Изменить размер шрифта - +
Батарейка в телефоне почти села, но Агата решает, что для дела ее хватит. Агата идет в темную андрюшину комнату, светя телефоном перед собой, опускается на пол перед андрюшиной кроваткой, потом ложится и прижимается ухом к ковру. Ковер дрожит, пол-дрожит, — мелко, слабо, гораздо слабее, чем в Агатиной собственной комнате, но все-таки дрожит.

 

Под колыбельку не залезешь, у нее широкие качающиеся ножки, Агата между ними не поместится. Она просовывает руку как можно дальше и шарит ладонью по ковру: никаких рваных краев, ничего такого, никакого разлома. Агата садится и со вздохом отводит прядь с потного лба. Ей уже понятно, что сейчас придется делать, — но очень, очень, очень, очень не хочется. На секунду у нее мелькает мысль о том, что можно, в конце-концов, ничего не делать, что она не обязана, что можно просто соврать себе, будто ничего она не услышала, прижимаясь ухом к полу в андрюшиной комнате. Это такая приятная мысль, что Агата позволяет себе ее посидеть и подумать ее номножко. Потом она вспоминает, как мама вчера стояла на кухне, прижавшись лбом к холодному стеклу, закрыв глаза, думая о том, почему все время плачет Андрей. Агата возвращается к себе в комнату.

 

Зажав в руке светящийся телефон, Агата лезет под кровать. Под кроватью она находит старую скакалку, очень старательно привязывает ее одним концом к ножке кровати и несколько раз дергает для проверки. Агата совершенно не умеет лазить по канату, ненавидит, когда в школе ее заставляют это делать, всегда болтается на канате, как огромная дурацкая лампочка, — хотя вообще-то Агата очень сильная и часто бегает наперегонки с мальчишками, и еще вопрос, кто кого.
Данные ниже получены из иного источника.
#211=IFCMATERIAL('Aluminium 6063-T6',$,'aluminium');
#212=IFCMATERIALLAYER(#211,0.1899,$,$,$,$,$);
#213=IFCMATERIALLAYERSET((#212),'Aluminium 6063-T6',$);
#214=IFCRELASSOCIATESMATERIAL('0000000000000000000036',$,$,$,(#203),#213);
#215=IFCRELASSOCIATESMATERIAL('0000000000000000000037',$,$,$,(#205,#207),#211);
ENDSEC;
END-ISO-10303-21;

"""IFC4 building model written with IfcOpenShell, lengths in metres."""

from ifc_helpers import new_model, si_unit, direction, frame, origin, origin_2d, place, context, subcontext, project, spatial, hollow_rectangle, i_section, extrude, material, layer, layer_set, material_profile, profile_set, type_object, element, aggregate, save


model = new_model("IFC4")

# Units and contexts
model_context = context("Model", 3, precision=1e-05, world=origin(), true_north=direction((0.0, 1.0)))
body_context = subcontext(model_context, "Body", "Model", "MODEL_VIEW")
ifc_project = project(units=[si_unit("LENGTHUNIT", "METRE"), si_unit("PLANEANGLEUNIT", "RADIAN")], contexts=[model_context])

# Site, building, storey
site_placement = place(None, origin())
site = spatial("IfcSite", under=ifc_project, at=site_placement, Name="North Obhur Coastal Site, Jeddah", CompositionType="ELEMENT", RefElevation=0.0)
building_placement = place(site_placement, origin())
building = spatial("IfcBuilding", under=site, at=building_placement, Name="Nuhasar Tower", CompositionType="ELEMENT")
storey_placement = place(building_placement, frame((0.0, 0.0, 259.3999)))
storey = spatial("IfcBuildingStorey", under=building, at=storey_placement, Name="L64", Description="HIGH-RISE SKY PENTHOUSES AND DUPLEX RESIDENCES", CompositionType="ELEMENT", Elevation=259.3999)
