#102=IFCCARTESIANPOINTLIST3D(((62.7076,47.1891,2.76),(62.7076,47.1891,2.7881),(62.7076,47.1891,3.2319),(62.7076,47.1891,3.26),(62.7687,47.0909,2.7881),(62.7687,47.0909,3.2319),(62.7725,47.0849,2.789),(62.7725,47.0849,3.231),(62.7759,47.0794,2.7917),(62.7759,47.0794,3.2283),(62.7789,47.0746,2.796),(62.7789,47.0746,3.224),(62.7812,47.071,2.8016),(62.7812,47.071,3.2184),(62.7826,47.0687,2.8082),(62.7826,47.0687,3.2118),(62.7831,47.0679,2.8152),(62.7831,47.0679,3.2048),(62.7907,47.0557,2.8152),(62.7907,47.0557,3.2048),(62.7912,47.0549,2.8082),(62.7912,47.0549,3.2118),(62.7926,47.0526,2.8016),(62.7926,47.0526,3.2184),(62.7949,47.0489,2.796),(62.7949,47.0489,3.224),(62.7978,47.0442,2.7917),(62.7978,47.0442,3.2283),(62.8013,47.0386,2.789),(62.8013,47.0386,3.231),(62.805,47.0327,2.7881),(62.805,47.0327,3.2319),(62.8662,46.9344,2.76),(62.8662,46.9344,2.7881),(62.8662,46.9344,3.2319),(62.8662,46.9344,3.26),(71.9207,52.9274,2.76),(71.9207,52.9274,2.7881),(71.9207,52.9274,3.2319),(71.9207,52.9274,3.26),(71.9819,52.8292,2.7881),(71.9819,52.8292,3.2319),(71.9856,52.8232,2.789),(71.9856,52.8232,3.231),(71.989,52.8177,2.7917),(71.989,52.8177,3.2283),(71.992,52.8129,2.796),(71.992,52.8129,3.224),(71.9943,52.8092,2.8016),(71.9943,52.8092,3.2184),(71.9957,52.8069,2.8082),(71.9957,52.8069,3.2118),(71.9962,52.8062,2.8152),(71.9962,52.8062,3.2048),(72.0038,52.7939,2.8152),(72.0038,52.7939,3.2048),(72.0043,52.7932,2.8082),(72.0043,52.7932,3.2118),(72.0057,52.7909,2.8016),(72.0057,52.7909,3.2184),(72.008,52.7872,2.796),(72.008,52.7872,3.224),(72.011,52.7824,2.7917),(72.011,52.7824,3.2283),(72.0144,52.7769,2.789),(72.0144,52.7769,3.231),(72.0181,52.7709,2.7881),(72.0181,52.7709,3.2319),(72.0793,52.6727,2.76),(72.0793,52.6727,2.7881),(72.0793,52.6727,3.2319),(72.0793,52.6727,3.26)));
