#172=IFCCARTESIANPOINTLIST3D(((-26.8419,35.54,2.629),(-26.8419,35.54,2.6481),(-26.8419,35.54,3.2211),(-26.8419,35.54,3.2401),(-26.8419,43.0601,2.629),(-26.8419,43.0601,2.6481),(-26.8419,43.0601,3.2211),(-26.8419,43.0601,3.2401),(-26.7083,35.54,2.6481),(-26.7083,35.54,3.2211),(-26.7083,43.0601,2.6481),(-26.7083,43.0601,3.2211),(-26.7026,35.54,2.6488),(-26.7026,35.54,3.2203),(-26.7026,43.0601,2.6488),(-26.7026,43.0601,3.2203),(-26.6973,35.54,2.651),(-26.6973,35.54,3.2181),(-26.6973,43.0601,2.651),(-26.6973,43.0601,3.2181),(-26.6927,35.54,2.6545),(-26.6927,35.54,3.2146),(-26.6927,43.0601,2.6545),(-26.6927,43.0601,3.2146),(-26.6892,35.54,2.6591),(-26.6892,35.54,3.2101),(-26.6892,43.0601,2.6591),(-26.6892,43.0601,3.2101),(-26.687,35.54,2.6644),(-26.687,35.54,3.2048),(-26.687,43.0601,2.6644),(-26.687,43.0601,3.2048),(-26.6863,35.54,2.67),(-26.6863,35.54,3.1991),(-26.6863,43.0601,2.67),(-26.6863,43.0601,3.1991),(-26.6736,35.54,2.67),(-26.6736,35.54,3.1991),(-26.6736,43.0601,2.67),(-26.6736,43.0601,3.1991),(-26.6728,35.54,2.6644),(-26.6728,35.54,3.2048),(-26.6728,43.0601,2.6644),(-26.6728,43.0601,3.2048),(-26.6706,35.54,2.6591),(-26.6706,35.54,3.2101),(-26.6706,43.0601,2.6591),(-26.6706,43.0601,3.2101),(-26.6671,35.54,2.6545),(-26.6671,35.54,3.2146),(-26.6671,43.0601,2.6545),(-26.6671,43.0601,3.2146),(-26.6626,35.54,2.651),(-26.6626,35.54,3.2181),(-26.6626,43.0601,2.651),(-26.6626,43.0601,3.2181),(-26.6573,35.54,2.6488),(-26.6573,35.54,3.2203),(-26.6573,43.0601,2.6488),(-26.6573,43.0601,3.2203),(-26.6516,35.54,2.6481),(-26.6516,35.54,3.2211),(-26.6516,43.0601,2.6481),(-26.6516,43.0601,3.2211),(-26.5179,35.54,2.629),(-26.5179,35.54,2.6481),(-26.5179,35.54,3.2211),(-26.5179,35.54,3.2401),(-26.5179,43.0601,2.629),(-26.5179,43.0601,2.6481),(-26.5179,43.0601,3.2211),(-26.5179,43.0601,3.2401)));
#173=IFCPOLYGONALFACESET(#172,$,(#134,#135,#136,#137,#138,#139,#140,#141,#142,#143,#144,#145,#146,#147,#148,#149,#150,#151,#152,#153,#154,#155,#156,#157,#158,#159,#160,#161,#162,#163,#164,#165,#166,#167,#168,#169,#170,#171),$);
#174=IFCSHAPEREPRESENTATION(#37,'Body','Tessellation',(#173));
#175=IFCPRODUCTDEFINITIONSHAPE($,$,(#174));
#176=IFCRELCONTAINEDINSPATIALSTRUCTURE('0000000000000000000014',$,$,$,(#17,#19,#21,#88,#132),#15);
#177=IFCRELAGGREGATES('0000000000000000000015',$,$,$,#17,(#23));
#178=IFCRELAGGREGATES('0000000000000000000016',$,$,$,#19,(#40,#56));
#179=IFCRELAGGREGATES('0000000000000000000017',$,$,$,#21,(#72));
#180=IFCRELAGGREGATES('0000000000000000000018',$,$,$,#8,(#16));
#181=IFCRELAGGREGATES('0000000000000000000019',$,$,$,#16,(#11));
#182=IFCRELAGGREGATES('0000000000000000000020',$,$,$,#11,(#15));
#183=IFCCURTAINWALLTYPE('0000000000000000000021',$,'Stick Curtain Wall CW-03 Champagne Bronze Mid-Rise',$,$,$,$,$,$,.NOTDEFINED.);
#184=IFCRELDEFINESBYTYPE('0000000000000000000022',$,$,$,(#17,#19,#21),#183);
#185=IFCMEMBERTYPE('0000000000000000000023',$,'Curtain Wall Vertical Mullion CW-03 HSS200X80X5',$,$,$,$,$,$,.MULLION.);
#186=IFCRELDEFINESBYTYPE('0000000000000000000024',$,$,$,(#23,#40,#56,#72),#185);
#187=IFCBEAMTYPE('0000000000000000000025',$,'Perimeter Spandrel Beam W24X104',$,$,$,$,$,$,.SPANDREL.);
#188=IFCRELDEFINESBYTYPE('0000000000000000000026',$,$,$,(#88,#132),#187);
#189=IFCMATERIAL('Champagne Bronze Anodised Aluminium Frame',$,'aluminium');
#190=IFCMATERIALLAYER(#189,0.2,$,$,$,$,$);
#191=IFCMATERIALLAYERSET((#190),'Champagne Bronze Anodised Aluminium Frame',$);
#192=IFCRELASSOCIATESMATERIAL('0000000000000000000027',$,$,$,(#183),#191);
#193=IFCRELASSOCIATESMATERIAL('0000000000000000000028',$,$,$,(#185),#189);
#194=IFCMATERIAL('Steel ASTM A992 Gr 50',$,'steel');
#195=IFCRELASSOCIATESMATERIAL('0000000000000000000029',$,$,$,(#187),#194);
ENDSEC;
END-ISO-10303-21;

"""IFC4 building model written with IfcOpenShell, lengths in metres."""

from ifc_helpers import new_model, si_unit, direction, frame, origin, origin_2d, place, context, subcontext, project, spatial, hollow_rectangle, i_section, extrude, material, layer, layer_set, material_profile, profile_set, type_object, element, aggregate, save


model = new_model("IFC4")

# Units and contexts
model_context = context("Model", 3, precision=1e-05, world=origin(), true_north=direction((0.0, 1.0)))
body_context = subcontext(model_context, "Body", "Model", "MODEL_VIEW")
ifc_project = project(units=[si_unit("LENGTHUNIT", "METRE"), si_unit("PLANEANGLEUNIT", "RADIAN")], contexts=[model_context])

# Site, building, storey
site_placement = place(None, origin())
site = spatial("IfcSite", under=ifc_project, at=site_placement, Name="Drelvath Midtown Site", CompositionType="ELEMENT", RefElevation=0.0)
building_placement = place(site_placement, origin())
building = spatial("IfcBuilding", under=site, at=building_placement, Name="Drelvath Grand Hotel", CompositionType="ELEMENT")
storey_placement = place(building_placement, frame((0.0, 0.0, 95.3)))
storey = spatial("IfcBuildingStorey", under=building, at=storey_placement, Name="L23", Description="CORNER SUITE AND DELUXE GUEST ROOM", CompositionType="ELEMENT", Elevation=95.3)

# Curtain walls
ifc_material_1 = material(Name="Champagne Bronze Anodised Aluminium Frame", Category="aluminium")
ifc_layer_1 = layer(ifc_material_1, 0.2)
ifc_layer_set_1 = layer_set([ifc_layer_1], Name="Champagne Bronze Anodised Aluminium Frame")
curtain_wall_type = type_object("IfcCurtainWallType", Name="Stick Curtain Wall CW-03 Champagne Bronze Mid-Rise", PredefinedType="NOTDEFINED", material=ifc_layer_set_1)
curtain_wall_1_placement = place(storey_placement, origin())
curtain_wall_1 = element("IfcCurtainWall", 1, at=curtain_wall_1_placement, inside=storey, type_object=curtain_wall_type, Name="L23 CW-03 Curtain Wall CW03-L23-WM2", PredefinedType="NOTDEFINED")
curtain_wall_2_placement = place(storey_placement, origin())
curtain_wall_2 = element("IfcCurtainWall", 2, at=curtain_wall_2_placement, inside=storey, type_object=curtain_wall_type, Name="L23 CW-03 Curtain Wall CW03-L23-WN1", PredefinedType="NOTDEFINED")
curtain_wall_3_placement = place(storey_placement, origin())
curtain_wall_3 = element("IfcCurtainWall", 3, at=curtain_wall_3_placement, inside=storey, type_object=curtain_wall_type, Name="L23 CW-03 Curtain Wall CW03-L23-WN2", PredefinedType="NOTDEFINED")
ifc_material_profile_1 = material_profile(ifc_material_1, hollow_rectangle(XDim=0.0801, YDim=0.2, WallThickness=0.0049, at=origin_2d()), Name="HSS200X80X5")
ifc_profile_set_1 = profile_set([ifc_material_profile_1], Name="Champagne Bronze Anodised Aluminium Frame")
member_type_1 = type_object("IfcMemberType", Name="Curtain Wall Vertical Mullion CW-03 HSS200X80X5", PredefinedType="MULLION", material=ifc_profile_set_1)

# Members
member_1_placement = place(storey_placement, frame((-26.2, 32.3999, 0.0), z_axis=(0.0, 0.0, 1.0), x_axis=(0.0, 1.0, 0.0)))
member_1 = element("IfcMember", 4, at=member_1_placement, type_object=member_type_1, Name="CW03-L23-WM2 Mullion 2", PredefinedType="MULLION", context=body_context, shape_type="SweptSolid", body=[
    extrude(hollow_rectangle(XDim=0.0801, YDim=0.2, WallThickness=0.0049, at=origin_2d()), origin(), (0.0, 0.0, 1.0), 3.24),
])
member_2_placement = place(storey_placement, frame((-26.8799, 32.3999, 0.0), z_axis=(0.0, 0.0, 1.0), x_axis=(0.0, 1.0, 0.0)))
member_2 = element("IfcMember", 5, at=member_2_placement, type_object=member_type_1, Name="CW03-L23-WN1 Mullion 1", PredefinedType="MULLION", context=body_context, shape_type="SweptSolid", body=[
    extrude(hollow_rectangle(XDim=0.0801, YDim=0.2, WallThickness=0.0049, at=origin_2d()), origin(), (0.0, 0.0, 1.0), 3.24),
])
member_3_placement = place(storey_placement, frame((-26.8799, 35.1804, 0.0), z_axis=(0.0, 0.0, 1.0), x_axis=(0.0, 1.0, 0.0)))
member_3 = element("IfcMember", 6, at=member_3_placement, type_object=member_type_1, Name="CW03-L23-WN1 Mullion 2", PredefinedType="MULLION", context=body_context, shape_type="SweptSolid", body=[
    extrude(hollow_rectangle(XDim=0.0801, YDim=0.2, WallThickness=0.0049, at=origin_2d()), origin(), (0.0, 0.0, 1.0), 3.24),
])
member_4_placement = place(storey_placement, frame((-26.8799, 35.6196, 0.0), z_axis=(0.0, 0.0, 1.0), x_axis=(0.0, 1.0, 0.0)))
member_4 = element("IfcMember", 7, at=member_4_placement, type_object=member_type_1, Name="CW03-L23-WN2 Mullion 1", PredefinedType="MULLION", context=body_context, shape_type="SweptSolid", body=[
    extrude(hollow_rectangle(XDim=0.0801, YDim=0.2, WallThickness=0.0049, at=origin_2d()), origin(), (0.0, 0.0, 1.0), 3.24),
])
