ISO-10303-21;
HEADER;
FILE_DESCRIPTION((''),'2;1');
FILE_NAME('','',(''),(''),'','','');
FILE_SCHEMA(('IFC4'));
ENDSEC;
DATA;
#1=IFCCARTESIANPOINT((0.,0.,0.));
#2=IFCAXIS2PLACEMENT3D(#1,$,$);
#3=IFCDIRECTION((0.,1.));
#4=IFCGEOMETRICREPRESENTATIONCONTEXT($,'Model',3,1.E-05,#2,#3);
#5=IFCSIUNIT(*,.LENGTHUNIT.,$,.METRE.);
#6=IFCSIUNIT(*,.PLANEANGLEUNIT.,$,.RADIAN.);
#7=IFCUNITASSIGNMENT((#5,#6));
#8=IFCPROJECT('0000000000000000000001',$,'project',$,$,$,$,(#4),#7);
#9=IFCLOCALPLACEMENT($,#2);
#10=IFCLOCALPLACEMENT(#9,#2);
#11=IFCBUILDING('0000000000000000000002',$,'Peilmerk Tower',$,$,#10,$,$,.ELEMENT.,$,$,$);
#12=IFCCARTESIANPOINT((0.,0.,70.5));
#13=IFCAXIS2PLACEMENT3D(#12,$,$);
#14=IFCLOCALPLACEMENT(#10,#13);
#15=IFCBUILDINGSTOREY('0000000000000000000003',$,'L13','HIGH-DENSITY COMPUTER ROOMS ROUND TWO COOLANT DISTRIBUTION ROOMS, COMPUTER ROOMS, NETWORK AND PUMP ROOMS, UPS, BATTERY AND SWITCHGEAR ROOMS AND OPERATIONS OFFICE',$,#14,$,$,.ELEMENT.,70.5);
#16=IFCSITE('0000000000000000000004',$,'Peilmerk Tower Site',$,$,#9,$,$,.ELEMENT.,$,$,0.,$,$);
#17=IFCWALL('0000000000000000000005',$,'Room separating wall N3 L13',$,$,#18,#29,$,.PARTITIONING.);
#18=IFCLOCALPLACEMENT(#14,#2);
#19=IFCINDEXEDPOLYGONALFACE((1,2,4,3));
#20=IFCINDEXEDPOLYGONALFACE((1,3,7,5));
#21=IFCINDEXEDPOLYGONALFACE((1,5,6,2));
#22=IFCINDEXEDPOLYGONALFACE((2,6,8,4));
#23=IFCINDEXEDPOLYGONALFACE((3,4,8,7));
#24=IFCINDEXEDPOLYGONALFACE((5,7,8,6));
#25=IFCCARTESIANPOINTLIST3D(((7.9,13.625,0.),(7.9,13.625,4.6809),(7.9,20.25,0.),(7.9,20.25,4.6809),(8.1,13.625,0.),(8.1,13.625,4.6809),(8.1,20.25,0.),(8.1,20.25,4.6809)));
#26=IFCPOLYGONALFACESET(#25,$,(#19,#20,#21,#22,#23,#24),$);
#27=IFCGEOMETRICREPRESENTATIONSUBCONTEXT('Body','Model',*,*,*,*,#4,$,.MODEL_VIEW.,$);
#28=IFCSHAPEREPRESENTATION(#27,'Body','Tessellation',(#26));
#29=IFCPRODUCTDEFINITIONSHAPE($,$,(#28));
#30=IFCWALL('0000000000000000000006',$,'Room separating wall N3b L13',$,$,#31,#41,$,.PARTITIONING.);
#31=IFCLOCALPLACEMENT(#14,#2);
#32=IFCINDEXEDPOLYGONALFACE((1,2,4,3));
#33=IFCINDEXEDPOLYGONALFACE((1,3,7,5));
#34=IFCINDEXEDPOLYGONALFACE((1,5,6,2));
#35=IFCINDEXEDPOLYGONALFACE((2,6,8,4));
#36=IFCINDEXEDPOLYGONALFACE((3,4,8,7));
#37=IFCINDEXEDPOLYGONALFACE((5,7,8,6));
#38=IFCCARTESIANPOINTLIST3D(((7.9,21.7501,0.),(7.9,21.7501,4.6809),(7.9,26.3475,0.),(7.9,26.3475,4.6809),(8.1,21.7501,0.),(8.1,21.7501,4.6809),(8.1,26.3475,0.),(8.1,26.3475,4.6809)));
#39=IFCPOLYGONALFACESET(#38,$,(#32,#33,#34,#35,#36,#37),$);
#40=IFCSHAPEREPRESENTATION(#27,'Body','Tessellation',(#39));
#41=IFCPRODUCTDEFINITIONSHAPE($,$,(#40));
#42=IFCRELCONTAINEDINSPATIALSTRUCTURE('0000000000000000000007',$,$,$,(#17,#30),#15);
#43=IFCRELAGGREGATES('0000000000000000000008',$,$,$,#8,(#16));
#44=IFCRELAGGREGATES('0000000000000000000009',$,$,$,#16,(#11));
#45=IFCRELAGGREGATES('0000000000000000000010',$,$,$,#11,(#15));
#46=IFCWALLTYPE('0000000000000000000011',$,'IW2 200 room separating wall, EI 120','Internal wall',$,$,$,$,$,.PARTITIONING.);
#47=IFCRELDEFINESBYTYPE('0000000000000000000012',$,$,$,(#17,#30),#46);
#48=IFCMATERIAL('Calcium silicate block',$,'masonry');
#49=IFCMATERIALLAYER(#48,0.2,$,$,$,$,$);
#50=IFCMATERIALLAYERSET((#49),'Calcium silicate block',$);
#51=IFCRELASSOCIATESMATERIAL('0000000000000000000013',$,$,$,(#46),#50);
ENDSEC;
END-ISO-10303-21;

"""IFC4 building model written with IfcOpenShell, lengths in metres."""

from ifc_helpers import new_model, si_unit, direction, frame, frame_2d, origin, place, context, subcontext, project, spatial, rectangle, extrude, material, layer, layer_set, type_object, element, save


model = new_model("IFC4")

# Units and contexts
model_context = context("Model", 3, precision=1e-05, world=origin(), true_north=direction((0.0, 1.0)))
body_context = subcontext(model_context, "Body", "Model", "MODEL_VIEW")
ifc_project = project(units=[si_unit("LENGTHUNIT", "METRE"), si_unit("PLANEANGLEUNIT", "RADIAN")], contexts=[model_context])

# Site, building, storey
site_placement = place(None, origin())
site = spatial("IfcSite", under=ifc_project, at=site_placement, Name="Peilmerk Tower Site", CompositionType="ELEMENT", RefElevation=0.0)
building_placement = place(site_placement, origin())
building = spatial("IfcBuilding", under=site, at=building_placement, Name="Peilmerk Tower", CompositionType="ELEMENT")
storey_placement = place(building_placement, frame((0.0, 0.0, 70.5)))
storey = spatial("IfcBuildingStorey", under=building, at=storey_placement, Name="L13", Description="HIGH-DENSITY COMPUTER ROOMS ROUND TWO COOLANT DISTRIBUTION ROOMS, COMPUTER ROOMS, NETWORK AND PUMP ROOMS, UPS, BATTERY AND SWITCHGEAR ROOMS AND OPERATIONS OFFICE", CompositionType="ELEMENT", Elevation=70.5)

# Walls
ifc_material_1 = material(Name="Calcium silicate block", Category="masonry")
ifc_layer = layer(ifc_material_1, 0.2)
ifc_layer_set = layer_set([ifc_layer], Name="Calcium silicate block")
wall_type = type_object("IfcWallType", Name="IW2 200 room separating wall, EI 120", Description="Internal wall", PredefinedType="PARTITIONING", material=ifc_layer_set)
wall_1_placement = place(storey_placement, frame((8.0, 13.625, 0.0), z_axis=(0.0, 0.0, 1.0), x_axis=(0.0, 1.0, 0.0)))
element("IfcWall", 1, at=wall_1_placement, inside=storey, type_object=wall_type, Name="Room separating wall N3 L13", PredefinedType="PARTITIONING", context=body_context, shape_type="SweptSolid", body=[
    extrude(rectangle(XDim=6.625, YDim=0.2, at=frame_2d((3.3125, 0.0))), origin(), (0.0, 0.0, 1.0), 4.6809),
])
wall_2_placement = place(storey_placement, frame((8.0, 21.75, 0.0), z_axis=(0.0, 0.0, 1.0), x_axis=(0.0, 1.0, 0.0)))
element("IfcWall", 2, at=wall_2_placement, inside=storey, type_object=wall_type, Name="Room separating wall N3b L13", PredefinedType="PARTITIONING", context=body_context, shape_type="SweptSolid", body=[
    extrude(rectangle(XDim=4.5974, YDim=0.2, at=frame_2d((2.2988, 0.0))), origin(), (0.0, 0.0, 1.0), 4.6809),
])

save(model, "model.ifc")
Тем более агата сомневается, что сумеет лезть по скакалке, но никакого лучшего плана она придумать не может, а времени у нее совсем мало. Зажав в зубах телефон, Агата садится на край проема. Чудище ложится на ковер, засовывает голову под кровать и недоуменно смотрит на Агату.

 

— Лучше бы помогал, — говорит Агата с упреком, хотя и не знает, как именно чудище могло бы ей помогать. Она садится на край темного проема, накрепко зажав конец скакалки в руке. Ее осеняет, что если бы проем был глубоким, чудище не смогло бы выбраться из него наружу, и ей становится немножко легче. Агата вздыхает зажмуривается и осторожно, царапая бока и попу, сползает вниз.

 

Нора под домом оказывается совсем-совсем мелкой, чтобы оглядеться, Агате приходится присесть на корточки. Здесь и правда очень темно — но сухо и как-то чисто. Телефон начинает пищать: Агата смотрит на экран, от батарейки осталось десять процентов, фонарик здорово ее разряжает. В норе пахнет шерстью, теплом и еще чем-то, неожиданно привычным и хорошим. От того места, где сидит Агата, нора идет влево, в сторону андрюшиной комнаты. Агате ужасно не хочется ползти в эту узкую незнакомую темноту, — телефон садится, придется отпустить скакалку, наверху, в разломе, виднеется встревоженная морда чудища, оно громко дышит и, кажется, здорово беспокоится.

 

— Ну чего ты, — говорит Агата, зажимает телефон в зубах и лезет вперед. И тут же на что-то натыкается на что-то очень знакомое. Она смотрит вниз и видит маленькие белые цветы на синем фоне. Это ее одеяльце, то самое одеяльце, которое должно было стать андрюшиным, но потерялось. Тогда Агата светит вокруг — и видит папин синий свитер, который, по его утверждению, пропал во время переезда. Свитер аккуратно сложен и явно используется вместо подушки, Агатино одеяльце постелено рядом, в стенках норы вырыты маленькие углубления, и Агата видит свою старую бирюзовую чашку, голубые полотенца, с которыми Агата ходила в бассейн и которые, по утверждению мамы, «запихнула невесть куда», забытого старого петрушку, еще какие-то вещи, давно потерянные. Агата ужасно возмущена, она забывает о том, что у нее есть дело, и сердито смотрит на чудище.